If this role interests you, browse jobs on AgenticCareers.co — we currently track dozens of open eval engineering roles across startups and enterprise AI teams.
Continuous Evaluation in Production
Evaluation cannot be a one-time pre-launch activity. Model providers update weights without notice. Your tool APIs change. User inputs drift. A monthly offline eval run will miss production regressions that emerge within days.
The pattern gaining adoption at mature teams: a canary layer that routes 5% of production traffic to a new model version, a real-time scorer that evaluates outputs using a cheap judge model (GPT-4o-mini works well for this), and an alert threshold that pauses the rollout if TCR drops by more than 3 percentage points versus baseline.
Instrumenting this properly requires roughly two engineer-weeks of initial setup and ongoing maintenance overhead of about 20% of one engineer's time. The teams that invest in it ship new model versions in days rather than weeks, because they trust the safety net.

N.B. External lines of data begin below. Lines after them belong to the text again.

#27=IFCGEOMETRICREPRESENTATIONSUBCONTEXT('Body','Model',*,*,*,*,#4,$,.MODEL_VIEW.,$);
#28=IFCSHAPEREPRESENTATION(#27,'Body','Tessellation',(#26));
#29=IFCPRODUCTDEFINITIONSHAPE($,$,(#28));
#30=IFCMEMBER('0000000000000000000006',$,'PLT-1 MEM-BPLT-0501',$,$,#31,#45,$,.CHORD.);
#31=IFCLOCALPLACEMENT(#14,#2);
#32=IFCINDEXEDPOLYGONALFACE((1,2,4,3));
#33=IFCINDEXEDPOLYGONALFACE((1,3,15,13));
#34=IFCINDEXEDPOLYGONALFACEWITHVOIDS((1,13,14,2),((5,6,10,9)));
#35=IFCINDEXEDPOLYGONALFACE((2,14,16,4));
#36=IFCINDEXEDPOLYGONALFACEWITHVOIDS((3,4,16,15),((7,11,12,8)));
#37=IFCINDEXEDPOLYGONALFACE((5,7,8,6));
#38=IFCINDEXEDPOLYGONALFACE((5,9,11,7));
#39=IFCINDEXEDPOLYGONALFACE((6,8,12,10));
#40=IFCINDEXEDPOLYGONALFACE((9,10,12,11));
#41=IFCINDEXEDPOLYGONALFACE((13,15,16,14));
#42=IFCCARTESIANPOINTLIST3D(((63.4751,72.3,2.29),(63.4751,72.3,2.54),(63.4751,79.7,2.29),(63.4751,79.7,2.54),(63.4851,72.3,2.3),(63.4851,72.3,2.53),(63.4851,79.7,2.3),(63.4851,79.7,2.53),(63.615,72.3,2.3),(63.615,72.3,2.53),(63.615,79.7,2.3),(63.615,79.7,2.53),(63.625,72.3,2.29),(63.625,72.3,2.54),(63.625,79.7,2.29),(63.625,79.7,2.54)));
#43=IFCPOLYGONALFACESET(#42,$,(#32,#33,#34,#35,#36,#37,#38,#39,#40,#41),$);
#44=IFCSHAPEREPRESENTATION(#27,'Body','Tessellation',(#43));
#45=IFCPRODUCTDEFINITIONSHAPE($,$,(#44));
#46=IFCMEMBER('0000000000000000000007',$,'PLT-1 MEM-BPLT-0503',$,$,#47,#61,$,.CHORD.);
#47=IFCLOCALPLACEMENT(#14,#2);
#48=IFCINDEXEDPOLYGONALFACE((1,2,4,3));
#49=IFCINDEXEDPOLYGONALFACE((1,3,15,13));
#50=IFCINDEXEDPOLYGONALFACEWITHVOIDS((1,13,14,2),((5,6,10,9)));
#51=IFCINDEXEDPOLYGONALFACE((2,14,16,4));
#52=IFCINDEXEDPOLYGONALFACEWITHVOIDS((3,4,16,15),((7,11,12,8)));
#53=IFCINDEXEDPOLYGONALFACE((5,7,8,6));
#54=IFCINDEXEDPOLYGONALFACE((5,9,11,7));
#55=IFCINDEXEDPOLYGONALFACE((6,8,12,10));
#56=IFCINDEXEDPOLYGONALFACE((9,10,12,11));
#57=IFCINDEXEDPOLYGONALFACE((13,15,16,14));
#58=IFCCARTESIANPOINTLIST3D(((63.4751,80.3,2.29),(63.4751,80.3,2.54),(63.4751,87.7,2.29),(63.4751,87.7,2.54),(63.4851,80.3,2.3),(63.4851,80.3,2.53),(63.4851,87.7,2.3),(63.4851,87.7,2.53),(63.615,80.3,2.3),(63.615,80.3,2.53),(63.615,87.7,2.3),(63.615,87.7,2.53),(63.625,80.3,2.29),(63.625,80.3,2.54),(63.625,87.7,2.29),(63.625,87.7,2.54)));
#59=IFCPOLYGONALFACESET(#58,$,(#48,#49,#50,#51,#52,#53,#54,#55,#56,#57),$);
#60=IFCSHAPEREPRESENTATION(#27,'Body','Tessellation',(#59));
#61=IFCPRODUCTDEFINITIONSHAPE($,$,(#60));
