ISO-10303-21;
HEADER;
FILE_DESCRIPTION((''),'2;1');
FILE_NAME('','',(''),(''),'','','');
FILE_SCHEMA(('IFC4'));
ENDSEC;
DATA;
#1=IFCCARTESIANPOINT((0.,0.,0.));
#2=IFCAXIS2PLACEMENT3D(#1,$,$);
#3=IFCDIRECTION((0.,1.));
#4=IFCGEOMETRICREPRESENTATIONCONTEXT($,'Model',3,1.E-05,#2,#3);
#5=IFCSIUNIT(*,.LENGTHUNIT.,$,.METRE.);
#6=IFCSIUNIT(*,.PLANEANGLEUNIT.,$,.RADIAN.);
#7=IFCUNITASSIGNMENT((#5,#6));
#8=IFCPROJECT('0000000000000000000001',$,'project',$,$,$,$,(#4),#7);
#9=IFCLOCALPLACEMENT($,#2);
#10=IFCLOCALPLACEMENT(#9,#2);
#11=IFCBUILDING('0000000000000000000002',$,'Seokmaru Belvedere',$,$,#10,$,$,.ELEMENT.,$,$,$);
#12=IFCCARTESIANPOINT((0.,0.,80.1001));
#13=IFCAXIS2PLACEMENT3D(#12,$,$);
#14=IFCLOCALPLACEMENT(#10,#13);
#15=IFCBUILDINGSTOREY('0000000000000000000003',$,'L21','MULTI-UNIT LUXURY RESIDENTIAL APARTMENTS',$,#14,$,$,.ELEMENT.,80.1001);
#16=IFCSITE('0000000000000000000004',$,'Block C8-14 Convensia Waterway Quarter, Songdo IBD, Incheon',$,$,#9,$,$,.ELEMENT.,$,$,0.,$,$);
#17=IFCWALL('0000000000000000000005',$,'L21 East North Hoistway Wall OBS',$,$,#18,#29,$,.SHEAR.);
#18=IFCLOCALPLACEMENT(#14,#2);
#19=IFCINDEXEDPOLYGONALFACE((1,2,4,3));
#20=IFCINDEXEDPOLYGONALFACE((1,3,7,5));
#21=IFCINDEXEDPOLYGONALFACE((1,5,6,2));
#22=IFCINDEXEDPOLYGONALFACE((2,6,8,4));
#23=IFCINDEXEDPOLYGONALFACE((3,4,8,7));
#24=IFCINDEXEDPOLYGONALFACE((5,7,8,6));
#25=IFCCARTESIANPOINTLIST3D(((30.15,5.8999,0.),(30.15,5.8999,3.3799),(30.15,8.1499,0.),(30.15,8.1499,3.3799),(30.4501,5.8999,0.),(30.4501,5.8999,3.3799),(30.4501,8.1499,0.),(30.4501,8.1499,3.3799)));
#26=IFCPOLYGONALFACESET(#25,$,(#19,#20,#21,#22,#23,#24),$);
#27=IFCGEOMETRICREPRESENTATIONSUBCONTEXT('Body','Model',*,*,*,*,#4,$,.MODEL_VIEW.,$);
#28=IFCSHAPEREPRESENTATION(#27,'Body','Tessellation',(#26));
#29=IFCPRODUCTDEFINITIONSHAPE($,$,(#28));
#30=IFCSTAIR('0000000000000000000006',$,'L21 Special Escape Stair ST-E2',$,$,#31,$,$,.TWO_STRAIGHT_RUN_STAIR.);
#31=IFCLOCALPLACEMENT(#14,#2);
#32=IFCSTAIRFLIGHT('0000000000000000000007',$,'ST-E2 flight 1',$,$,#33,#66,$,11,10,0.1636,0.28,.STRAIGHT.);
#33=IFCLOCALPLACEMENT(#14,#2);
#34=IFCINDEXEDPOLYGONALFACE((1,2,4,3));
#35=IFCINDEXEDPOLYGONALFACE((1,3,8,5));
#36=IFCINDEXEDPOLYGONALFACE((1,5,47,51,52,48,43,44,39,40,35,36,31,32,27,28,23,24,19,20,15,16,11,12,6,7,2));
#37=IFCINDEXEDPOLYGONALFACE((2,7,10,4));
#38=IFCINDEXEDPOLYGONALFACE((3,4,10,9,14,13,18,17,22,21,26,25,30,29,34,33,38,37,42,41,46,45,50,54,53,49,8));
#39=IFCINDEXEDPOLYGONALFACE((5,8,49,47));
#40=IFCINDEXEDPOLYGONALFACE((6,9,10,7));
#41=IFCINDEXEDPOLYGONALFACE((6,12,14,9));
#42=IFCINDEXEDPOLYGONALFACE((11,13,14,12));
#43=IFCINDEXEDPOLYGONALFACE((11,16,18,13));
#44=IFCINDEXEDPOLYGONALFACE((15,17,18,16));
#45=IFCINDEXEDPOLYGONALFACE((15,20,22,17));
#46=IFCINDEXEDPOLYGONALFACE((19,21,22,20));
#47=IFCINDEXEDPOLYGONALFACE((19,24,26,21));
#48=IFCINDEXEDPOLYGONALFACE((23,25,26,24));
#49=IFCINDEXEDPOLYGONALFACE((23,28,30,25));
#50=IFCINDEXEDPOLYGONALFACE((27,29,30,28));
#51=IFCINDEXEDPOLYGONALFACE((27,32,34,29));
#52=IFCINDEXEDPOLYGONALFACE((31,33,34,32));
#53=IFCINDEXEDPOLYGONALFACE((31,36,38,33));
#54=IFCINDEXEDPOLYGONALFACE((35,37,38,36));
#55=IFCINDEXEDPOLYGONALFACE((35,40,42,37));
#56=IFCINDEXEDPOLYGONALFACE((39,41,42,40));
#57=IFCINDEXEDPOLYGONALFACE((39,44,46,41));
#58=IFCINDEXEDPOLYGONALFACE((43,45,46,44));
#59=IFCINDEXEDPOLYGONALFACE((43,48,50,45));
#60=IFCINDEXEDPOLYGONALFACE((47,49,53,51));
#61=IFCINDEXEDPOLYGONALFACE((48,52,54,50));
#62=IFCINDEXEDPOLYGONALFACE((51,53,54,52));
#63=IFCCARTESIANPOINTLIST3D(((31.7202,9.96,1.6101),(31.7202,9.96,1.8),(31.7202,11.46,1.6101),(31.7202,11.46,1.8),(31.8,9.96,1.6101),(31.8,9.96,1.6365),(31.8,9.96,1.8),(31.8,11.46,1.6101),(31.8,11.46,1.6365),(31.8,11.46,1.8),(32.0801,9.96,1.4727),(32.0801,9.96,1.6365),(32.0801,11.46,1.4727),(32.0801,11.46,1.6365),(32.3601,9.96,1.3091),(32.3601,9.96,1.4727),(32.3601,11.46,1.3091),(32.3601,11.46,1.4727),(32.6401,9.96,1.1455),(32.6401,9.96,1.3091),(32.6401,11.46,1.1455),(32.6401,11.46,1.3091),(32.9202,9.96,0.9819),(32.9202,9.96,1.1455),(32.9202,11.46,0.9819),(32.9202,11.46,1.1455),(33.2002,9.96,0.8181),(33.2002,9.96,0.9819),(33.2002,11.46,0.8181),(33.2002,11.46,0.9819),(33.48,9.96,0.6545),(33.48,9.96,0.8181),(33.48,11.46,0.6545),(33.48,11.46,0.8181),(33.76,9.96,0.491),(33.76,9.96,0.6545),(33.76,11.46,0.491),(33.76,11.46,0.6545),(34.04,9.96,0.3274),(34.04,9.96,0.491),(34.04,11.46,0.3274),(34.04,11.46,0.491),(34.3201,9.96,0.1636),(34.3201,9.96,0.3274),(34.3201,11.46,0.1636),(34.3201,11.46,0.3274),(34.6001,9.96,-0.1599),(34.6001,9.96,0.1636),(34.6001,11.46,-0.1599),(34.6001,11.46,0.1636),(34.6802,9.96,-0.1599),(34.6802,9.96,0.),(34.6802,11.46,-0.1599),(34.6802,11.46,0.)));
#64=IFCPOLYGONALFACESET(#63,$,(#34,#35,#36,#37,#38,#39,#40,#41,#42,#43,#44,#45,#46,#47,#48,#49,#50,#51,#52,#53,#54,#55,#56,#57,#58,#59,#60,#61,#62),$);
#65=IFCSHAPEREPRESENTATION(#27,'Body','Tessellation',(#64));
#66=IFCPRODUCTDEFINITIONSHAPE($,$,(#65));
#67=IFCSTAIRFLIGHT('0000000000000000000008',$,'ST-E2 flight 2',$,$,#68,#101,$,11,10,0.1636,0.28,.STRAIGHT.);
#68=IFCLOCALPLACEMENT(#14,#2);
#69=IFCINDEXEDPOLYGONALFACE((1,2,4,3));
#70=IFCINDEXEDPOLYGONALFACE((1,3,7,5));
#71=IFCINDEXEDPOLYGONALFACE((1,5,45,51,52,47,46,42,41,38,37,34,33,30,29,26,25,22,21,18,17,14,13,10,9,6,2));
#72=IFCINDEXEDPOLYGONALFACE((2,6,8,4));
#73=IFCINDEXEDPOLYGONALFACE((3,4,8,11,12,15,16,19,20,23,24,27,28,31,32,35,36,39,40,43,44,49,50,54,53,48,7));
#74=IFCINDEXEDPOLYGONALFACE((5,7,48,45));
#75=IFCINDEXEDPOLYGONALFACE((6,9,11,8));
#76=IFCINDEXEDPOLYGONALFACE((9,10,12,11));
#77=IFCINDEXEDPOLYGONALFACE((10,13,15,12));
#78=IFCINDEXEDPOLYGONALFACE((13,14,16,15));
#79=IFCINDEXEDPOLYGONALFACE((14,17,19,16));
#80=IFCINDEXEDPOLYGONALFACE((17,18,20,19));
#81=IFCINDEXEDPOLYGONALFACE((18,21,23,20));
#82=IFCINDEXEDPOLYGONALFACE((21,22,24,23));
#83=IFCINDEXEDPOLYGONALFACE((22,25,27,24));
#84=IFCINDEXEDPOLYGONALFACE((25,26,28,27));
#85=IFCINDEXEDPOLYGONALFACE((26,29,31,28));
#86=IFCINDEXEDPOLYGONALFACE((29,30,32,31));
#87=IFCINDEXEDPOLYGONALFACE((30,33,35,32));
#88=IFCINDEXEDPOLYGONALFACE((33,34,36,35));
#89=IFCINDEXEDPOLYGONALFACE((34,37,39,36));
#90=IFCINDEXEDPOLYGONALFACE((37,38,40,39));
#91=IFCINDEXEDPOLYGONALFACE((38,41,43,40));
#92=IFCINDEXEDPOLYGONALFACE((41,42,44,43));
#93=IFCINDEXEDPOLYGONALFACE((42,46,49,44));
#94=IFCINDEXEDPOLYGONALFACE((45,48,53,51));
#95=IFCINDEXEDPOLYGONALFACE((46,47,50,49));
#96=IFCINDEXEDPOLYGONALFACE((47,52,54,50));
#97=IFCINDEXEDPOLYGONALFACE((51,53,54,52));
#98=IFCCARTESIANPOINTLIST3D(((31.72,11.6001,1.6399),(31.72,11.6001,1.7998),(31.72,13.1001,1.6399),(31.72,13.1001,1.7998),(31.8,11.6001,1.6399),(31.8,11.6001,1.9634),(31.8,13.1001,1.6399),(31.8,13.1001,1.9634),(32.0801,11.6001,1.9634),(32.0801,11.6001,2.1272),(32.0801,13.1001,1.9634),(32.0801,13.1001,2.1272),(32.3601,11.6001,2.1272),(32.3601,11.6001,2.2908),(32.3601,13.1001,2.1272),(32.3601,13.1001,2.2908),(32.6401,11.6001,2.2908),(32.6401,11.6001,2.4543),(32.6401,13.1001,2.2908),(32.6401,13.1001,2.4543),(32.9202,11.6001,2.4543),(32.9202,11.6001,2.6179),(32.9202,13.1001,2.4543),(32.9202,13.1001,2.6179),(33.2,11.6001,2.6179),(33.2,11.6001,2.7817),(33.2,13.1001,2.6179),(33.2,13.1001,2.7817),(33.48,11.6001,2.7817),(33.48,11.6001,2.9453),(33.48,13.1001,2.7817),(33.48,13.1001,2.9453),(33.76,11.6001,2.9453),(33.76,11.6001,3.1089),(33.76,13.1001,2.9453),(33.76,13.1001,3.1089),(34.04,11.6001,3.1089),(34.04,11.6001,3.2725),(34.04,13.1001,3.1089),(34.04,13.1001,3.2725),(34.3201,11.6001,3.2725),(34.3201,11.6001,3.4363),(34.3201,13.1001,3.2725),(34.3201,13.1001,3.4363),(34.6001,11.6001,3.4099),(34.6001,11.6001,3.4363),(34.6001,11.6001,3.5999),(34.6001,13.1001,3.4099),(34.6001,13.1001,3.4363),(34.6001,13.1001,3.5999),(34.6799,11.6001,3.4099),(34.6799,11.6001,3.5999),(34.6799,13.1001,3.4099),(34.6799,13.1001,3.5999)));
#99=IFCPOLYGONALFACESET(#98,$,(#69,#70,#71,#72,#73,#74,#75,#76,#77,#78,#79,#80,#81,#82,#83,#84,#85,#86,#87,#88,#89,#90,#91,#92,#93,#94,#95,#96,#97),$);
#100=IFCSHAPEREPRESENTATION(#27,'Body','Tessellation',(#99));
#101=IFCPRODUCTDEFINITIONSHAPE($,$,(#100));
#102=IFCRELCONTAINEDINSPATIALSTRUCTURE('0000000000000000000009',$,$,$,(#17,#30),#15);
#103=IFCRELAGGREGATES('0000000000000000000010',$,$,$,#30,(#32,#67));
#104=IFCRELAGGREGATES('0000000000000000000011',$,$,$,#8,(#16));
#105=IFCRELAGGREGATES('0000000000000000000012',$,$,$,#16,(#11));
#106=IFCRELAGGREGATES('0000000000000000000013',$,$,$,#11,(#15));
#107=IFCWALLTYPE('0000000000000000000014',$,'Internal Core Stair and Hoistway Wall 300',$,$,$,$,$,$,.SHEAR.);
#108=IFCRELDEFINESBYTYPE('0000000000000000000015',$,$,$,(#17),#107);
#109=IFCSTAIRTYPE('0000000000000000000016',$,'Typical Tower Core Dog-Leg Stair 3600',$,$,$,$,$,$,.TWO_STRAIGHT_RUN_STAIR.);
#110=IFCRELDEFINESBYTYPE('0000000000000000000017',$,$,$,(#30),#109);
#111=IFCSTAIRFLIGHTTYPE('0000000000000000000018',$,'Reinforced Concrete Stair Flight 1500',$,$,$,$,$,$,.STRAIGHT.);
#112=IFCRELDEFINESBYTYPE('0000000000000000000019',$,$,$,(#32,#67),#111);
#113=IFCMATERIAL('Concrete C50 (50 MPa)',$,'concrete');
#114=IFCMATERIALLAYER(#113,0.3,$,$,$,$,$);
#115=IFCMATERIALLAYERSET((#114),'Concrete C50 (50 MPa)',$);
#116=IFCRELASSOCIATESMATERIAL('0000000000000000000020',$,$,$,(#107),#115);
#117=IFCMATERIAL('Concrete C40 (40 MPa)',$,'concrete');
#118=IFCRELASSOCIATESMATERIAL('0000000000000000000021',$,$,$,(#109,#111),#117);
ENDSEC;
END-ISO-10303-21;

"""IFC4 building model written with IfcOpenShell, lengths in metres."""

from ifc_helpers import new_model, si_unit, direction, frame, frame_2d, origin, place, context, subcontext, project, spatial, polyline, rectangle, outline, extrude, material, layer, layer_set, type_object, element, aggregate, save


model = new_model("IFC4")

# Units and contexts
model_context = context("Model", 3, precision=1e-05, world=origin(), true_north=direction((0.0, 1.0)))
body_context = subcontext(model_context, "Body", "Model", "MODEL_VIEW")
ifc_project = project(units=[si_unit("LENGTHUNIT", "METRE"), si_unit("PLANEANGLEUNIT", "RADIAN")], contexts=[model_context])

# Site, building, storey
site_placement = place(None, origin())
site = spatial("IfcSite", under=ifc_project, at=site_placement, Name="Block C8-14 Convensia Waterway Quarter, Songdo IBD, Incheon", CompositionType="ELEMENT", RefElevation=0.0)
building_placement = place(site_placement, origin())
building = spatial("IfcBuilding", under=site, at=building_placement, Name="Seokmaru Belvedere", CompositionType="ELEMENT")
storey_placement = place(building_placement, frame((0.0, 0.0, 80.1001)))
storey = spatial("IfcBuildingStorey", under=building, at=storey_placement, Name="L21", Description="MULTI-UNIT LUXURY RESIDENTIAL APARTMENTS", CompositionType="ELEMENT", Elevation=80.1001)

# Shared definitions
ifc_material_1 = material(Name="Concrete C50 (50 MPa)", Category="concrete")

# Shared definitions
ifc_layer_1 = layer(ifc_material_1, 0.3)
ifc_layer_set_1 = layer_set([ifc_layer_1], Name="Concrete C50 (50 MPa)")
wall_type_1 = type_object("IfcWallType", Name="Internal Core Stair and Hoistway Wall 300", PredefinedType="SHEAR", material=ifc_layer_set_1)

# Wall
wall_1_placement = place(storey_placement, frame((30.3, 5.8999, 0.0), z_axis=(0.0, 0.0, 1.0), x_axis=(0.0, 1.0, 0.0)))
element("IfcWall", 1, at=wall_1_placement, inside=storey, type_object=wall_type_1, Name="L21 East North Hoistway Wall OBS", PredefinedType="SHEAR", context=body_context, shape_type="SweptSolid", body=[
    extrude(rectangle(XDim=2.25, YDim=0.3, at=frame_2d((1.125, 0.0))), origin(), (0.0, 0.0, 1.0), 3.3799),
])

# Stair, stair flights
ifc_material_2 = material(Name="Concrete C40 (40 MPa)", Category="concrete")
stair_type = type_object("IfcStairType", Name="Typical Tower Core Dog-Leg Stair 3600", PredefinedType="TWO_STRAIGHT_RUN_STAIR", material=ifc_material_2)
stair_placement = place(storey_placement, origin())
stair = element("IfcStair", 2, at=stair_placement, inside=storey, type_object=stair_type, Name="L21 Special Escape Stair ST-E2", PredefinedType="TWO_STRAIGHT_RUN_STAIR")
stair_flight_type = type_object("IfcStairFlightType", Name="Reinforced Concrete Stair Flight 1500", PredefinedType="STRAIGHT", material=ifc_material_2)
stair_flight_1_placement = place(storey_placement, frame((34.6001, 10.71, 0.0), z_axis=(0.0, 0.0, 1.0), x_axis=(-1.0, 0.0, 0.0)))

What to Build Next Quarter
If you are leading an agent team and have no formal eval infrastructure today, here is a prioritized roadmap: (1) integrate DeepEval or RAGAS into your existing pytest suite this week — it takes under a day; (2) stand up LangSmith or Braintrust for trace capture before your next production deployment; (3) conduct a manual review session with a domain expert to build your initial golden dataset; (4) automate regression testing in CI/CD so every PR runs your eval suite.
The teams winning in the agentic era are not necessarily the ones with the best models. They are the ones who know, with confidence, when their agents are working and when they are not.